If you are not going to go then have the decency to tell her straight away.

Btw we can say cunt. We don't need to put symbols in there.

Pagwatch · 10/08/2012 08:32

Cunt.

See.

lovebunny · 10/08/2012 08:35

i was going to say 'hang on, has she paid for meals, it can cost an awful lot...' but bearing in mind how horrible she's been, i'm not bothered now! if you haven't seen her and it won't cause problems for you in the future, stay away. but if its a sit-down meal and there are going to be empty places, she'll never forgive you.

my daughter's dad announced (after we'd booked) 'no-one from my family will come to her wedding'. fortunately, he announced it in good time, and we cancelled a table and saved £500. i think its one of the nicest things he ever did, after starting the baby.

YouOldSlag · 10/08/2012 08:37

No Pag, you can, I can't! It's the one word I can't bring myself to say. But I do love saying bollocks every now and then! Smile

Pagwatch · 10/08/2012 08:44

But whyyyyyyyy!

Why is the worst thing you can call someone female genetalia. We don't mind calling someone a dick.

Reclaim cunt!

catgirl2012 · 10/08/2012 08:47

Don't go if you don't want to and don't want the friendship (sounds like you don't) but do let her know in advance you are not going. Make up any excuse if you feel the need, but tell her - don't just not turn up - that would be U.

Cunt, cunty cunt.

honeytea · 10/08/2012 08:54

I think you should go and bite your tongue, it sounds like she was out of order but she probably either can't remember or she is really embarrassed. Are there any cheap things on the wedding list? If not give them vouchers for whatever value you want.

As for the word cunt, I like my cunt very much, it would be a compliment if I called someone a cunt ;)

Pagwatch · 10/08/2012 09:02

Grin why, thank you!

Actually that works Honeytea

Poster "you cunt"
Honeytea "why, thank you"

It is both charming and pa

LRDtheFeministDragon · 10/08/2012 09:34

Since we're sharing, have you come across 'I would call you a cunt but you don't have the depth, warmth, or functionality'? I am very fond of that, I got it off someone on here.

Anyway - OP, no, don't just not attend. It's a shit thing to do and you're taking out a row on her DH-to-be as well as her. If you must cry off, do it properly and asap - you can make up an excuse, but not turning up at the last minute is a really horrible thing to do, IMO.

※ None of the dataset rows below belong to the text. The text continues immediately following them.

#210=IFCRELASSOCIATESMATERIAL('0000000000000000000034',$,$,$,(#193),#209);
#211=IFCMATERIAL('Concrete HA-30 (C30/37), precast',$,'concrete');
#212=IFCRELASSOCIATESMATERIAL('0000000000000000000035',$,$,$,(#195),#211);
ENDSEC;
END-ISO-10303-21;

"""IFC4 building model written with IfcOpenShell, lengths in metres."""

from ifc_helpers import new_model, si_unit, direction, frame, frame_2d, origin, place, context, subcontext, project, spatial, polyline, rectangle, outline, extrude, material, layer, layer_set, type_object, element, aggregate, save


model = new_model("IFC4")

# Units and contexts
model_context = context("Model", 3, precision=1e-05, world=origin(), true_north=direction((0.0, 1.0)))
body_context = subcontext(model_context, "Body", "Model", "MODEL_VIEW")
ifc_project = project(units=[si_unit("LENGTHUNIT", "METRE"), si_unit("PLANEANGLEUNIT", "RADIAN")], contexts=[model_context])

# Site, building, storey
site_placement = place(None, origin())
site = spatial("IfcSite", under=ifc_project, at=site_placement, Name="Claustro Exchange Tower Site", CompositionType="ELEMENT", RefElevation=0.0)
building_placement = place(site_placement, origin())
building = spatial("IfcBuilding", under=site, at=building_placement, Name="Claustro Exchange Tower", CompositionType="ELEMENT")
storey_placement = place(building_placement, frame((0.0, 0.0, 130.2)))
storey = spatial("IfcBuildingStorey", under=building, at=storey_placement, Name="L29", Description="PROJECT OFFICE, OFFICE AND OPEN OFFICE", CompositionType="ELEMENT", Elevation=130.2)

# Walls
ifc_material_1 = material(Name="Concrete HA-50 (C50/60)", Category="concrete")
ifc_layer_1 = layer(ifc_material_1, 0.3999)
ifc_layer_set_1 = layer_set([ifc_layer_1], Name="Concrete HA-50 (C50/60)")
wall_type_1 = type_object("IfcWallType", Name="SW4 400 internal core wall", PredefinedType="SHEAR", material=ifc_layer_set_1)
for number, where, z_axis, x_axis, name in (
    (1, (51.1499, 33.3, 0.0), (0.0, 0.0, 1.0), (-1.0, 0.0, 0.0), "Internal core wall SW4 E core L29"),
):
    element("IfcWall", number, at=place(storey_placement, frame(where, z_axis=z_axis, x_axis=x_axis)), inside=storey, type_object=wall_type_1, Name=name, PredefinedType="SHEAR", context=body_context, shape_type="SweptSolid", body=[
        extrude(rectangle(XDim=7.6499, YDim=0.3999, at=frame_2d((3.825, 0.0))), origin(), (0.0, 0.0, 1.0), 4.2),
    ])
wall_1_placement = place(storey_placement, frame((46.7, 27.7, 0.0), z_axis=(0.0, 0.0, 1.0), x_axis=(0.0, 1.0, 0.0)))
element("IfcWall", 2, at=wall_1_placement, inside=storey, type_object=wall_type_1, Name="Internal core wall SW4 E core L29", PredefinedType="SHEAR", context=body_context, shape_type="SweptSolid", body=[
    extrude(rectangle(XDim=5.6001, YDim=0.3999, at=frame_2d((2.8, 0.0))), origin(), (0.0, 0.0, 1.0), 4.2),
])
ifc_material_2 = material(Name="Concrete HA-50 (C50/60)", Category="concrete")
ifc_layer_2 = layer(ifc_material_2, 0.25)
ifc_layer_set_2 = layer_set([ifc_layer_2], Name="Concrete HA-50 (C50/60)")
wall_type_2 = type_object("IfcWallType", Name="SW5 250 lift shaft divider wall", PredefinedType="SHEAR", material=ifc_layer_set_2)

Margerykemp · 10/08/2012 09:39

One strike and she's out? You're not a very forgiving friend are you?

People arse up when they're too drunk. It's highly unlikely she'll be like that during her wedding.

Put it down as a one off and carry on as before.

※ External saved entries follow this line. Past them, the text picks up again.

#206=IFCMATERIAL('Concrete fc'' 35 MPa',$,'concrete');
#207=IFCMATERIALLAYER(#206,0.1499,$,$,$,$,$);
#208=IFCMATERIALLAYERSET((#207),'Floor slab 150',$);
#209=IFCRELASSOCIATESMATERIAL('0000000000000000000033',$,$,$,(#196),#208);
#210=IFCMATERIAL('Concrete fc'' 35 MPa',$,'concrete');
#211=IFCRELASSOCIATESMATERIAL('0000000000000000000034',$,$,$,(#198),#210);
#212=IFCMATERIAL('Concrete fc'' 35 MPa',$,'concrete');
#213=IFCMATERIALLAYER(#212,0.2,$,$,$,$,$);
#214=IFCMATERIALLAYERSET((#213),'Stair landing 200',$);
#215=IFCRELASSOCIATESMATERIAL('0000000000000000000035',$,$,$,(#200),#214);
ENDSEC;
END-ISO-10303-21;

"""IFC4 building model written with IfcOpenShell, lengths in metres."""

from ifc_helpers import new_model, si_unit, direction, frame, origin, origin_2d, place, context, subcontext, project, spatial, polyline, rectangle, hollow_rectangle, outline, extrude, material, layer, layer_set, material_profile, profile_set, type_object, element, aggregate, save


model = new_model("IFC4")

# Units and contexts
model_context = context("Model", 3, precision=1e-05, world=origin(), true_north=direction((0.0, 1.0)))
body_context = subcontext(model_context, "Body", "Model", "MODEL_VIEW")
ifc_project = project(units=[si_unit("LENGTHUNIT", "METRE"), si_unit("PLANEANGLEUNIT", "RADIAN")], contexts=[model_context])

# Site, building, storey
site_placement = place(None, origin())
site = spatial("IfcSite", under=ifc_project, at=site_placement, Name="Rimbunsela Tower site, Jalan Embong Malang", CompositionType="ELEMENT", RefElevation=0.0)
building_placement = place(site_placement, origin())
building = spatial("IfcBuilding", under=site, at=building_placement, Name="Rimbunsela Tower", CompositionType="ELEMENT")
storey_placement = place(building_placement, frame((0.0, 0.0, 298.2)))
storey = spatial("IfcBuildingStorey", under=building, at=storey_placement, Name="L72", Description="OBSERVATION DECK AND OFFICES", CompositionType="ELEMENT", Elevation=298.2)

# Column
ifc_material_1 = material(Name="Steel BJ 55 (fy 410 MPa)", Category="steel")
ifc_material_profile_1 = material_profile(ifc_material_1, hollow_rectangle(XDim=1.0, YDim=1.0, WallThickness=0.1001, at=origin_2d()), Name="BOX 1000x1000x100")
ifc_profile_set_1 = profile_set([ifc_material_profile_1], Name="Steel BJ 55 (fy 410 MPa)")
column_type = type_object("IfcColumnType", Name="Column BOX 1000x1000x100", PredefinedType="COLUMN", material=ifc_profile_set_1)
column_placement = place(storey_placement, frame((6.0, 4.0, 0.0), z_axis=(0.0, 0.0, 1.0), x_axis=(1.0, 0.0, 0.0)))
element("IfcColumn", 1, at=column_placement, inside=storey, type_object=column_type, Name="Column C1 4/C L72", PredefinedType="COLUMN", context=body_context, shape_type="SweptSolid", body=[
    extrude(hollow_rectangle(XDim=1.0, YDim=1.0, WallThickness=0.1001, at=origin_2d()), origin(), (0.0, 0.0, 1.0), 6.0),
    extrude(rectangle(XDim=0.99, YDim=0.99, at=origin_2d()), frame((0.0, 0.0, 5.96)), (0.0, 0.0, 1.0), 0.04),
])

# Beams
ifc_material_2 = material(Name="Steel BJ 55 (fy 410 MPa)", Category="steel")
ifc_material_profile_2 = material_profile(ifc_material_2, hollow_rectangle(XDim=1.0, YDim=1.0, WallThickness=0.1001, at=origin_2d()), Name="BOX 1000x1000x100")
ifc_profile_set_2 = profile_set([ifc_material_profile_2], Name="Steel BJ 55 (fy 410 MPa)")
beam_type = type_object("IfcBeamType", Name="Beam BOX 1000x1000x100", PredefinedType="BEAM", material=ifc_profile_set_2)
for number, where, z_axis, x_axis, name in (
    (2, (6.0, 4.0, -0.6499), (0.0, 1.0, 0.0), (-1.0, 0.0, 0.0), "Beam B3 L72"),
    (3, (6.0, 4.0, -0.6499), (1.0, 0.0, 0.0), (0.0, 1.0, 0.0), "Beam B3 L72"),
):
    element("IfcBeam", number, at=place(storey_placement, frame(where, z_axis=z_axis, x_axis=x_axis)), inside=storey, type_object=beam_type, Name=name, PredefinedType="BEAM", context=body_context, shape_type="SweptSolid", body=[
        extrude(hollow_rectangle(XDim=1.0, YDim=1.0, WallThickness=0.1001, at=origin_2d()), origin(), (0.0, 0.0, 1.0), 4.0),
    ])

ginnybag · 10/08/2012 09:39

@LRD - that's brilliant. I'm going to have to find a reason for using that!

catgirl2012 · 10/08/2012 09:40

Ooh I'm pinching that LRD Grin

I wonder if I coulf use it at work without getting fired? It would be so apt so often...........

LRDtheFeministDragon · 10/08/2012 09:40

It's good, isn't it?

I love MN, it provides the best insults.

EdithWeston · 10/08/2012 09:42

You've been asked and accepted. This is a wedding, not a night out or other party.

I'm somewhat with your Gran on this; the only acceptable reasons to miss in these circumstances are (genuine) illness or close bereavement.

If you do cancel, then your act will break the friendship irrevocably, with it being you who has done the unacceptable act (everyone else will think drunken rudeness is subjective, will see the other hens stranding, assume it's not so bad, and that you are the one behaving atrociously.

catgirl2012 · 10/08/2012 09:43

I hope the bride is like that at the wedding.

Imagine her stumbling down the aisle and calling everyone a cunt :) I would love to go to such a wedding

DawnOfTheDee · 10/08/2012 09:43

Agree that she probably doesn't remember what she did at all or has that horrible feeling of shame but doesn't remember exactly what happened (and maybe too embarrassed to ask).

Some people are horrible drunks....some people will occasionally be a horrible drunk if they have something upsetting or stressful going on in their lives.

If I were you I would definitely go to the wedding and depending on how your friendship works would meet up with her asap and have a bit of a heart to heart.